MRAK closes its current season on May 23 with the return of one of contemporary club culture’s most beloved and emotionally intuitive selectors — Roi Perez.
The Berlin-based DJ returns to Drugstore Belgrade for his third appearance within the MRAK series, following two nights that still carry near-mythical status among regulars of the venue.
First came the unforgettable Black Room session in 2020.
Then the Garden takeover in 2021.
Now, five years later, Roi Perez returns at a moment where groove, fluidity and emotionally open dancefloors feel more relevant than ever.
Few DJs embody that atmosphere quite like him.
Originally from Israel and now deeply embedded inside Berlin’s underground ecosystem, Roi Perez has built an international reputation through sets that resist rigid genre boundaries while creating extraordinarily human dancefloor experiences. House, techno, disco, tribal rhythms, acid and psychedelic textures all move fluidly through his selections without ever feeling forced or performative.
His DJing feels instinctive rather than calculated.
There is always movement, sensuality and emotional unpredictability inside the room when Roi plays.
That quality made him a natural fit for Panorama Bar, where he has remained a resident for more than a decade. Within Berghain’s upstairs sanctuary, Perez became known for marathon sets capable of shifting effortlessly between intimacy and euphoria while maintaining an unmistakable sense of flow.
At the same time, his connection to Berlin’s queer underground remains equally central to his identity.
As a regular at the legendary fetish institution Lab.Oratory and co-founder of the LAUNDRETTE party series alongside Partok, Roi Perez represents a strand of electronic music culture where openness, sexuality, emotional freedom and dancefloor energy exist inseparably together.

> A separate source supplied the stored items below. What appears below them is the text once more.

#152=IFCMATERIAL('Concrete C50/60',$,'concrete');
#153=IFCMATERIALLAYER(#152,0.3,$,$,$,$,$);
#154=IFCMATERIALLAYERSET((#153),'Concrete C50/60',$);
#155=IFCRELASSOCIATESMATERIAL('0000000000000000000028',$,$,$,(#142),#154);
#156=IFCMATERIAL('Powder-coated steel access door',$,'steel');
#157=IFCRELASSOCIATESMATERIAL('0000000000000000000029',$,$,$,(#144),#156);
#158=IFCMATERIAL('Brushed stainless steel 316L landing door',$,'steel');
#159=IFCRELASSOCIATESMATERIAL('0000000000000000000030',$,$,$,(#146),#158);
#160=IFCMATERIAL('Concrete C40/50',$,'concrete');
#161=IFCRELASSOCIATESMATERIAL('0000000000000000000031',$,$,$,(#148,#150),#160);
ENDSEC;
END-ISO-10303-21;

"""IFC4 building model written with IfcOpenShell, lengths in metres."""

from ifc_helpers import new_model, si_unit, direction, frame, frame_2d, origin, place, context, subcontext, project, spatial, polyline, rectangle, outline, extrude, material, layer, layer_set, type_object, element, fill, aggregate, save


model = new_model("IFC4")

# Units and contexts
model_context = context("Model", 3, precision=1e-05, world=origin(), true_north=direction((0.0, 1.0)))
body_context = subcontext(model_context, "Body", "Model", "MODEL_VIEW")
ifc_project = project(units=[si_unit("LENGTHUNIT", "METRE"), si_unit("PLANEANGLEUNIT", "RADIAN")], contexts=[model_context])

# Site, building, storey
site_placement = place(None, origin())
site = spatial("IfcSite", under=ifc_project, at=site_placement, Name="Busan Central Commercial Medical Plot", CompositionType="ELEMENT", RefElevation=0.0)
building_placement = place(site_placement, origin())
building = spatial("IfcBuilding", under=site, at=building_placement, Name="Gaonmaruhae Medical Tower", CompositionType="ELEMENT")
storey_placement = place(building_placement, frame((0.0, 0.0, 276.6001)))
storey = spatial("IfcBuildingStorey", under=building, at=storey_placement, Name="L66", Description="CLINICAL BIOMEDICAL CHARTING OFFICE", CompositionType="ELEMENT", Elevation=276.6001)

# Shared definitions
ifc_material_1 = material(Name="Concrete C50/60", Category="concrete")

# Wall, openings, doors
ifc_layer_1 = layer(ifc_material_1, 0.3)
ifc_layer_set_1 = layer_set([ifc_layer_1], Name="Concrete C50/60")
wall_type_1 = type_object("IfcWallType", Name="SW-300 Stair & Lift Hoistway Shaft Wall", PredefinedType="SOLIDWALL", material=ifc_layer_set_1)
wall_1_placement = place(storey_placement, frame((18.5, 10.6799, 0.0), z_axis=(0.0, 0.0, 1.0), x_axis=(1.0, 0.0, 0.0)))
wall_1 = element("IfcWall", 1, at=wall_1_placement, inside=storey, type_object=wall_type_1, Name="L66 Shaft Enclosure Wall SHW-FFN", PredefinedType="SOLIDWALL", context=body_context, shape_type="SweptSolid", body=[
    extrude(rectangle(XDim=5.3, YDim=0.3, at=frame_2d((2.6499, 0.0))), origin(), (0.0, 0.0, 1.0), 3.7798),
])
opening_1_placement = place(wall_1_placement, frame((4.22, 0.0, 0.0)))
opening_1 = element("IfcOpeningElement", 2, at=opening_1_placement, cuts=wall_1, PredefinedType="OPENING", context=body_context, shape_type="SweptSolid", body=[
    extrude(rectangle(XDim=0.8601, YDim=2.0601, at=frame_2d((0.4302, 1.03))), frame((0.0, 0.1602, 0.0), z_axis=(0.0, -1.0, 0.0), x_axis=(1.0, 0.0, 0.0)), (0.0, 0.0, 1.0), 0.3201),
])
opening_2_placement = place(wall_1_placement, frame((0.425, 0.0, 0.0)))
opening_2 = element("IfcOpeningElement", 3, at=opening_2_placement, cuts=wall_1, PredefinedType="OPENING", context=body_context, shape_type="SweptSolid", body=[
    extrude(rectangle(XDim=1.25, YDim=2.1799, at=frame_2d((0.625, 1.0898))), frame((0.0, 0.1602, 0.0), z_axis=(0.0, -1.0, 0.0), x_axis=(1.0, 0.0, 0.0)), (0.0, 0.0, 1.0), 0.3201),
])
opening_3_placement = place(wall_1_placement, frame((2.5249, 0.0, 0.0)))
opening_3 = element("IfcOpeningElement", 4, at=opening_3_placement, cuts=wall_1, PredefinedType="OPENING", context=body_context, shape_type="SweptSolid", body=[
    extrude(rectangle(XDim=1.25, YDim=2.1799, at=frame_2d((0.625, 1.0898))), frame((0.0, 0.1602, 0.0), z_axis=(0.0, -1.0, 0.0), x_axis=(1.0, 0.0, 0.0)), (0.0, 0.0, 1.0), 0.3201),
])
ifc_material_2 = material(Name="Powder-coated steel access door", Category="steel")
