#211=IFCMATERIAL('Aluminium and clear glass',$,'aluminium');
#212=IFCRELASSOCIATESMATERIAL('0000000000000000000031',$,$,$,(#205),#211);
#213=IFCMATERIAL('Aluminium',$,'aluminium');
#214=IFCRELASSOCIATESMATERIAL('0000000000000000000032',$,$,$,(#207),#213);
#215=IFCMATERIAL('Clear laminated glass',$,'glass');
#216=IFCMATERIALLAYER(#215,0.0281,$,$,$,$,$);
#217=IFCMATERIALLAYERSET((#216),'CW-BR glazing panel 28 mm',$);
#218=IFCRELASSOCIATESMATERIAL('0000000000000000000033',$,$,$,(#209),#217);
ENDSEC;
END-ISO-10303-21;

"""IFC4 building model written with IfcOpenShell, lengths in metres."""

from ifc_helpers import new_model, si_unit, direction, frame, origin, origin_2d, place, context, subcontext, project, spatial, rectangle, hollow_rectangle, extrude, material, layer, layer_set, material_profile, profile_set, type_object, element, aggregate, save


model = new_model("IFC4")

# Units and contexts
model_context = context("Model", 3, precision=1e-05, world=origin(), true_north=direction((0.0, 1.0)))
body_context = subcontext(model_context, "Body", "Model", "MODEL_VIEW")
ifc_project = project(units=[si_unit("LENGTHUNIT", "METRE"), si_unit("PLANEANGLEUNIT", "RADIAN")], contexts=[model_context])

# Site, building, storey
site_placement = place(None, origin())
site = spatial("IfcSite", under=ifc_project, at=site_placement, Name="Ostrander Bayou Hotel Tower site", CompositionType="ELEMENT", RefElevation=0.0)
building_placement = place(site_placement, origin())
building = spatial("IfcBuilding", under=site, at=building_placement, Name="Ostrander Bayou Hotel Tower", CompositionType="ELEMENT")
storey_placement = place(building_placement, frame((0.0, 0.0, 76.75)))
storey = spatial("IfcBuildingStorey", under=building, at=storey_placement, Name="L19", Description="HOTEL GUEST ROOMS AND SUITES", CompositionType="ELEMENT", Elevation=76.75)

That spirit has increasingly resonated far beyond Berlin itself.
In recent years, audiences globally have gravitated back toward DJs who prioritize groove, storytelling and emotional depth over maximalism and aggression alone. The current resurgence of groove-oriented club music feels perfectly aligned with Perez’s long-established philosophy behind the decks.
And Drugstore remains one of the few venues in the region truly capable of supporting that kind of immersive experience.
The industrial Belgrade club has built its reputation precisely through nights where atmosphere matters more than spectacle — where long-form journeys, hypnotic sound systems and deeply committed crowds transform the space into something far beyond standard nightlife.
MRAK has consistently existed inside that same emotional territory.
Rather than chasing trends, the series continuously focuses on artists capable of creating tension, intimacy and psychological movement across entire nights. Roi Perez fits that identity almost perfectly.
His previous appearances at Drugstore became memorable not through dramatic peak moments, but because of the way the room gradually dissolved into collective movement over hours — subtle transitions, unexpected records and the kind of groove that quietly takes control of the entire dancefloor without anyone realizing exactly when it happened.
That is where Roi Perez operates best.
Not in spectacle.
Not in obviousness.
But somewhere deeper inside the emotional mechanics of nightlife itself.
As MRAK closes another season, bringing Roi Perez back feels less like a booking and more like a reunion between artist, space and audience that already understand each other instinctively.
On May 23, Drugstore once again becomes the setting for that connection.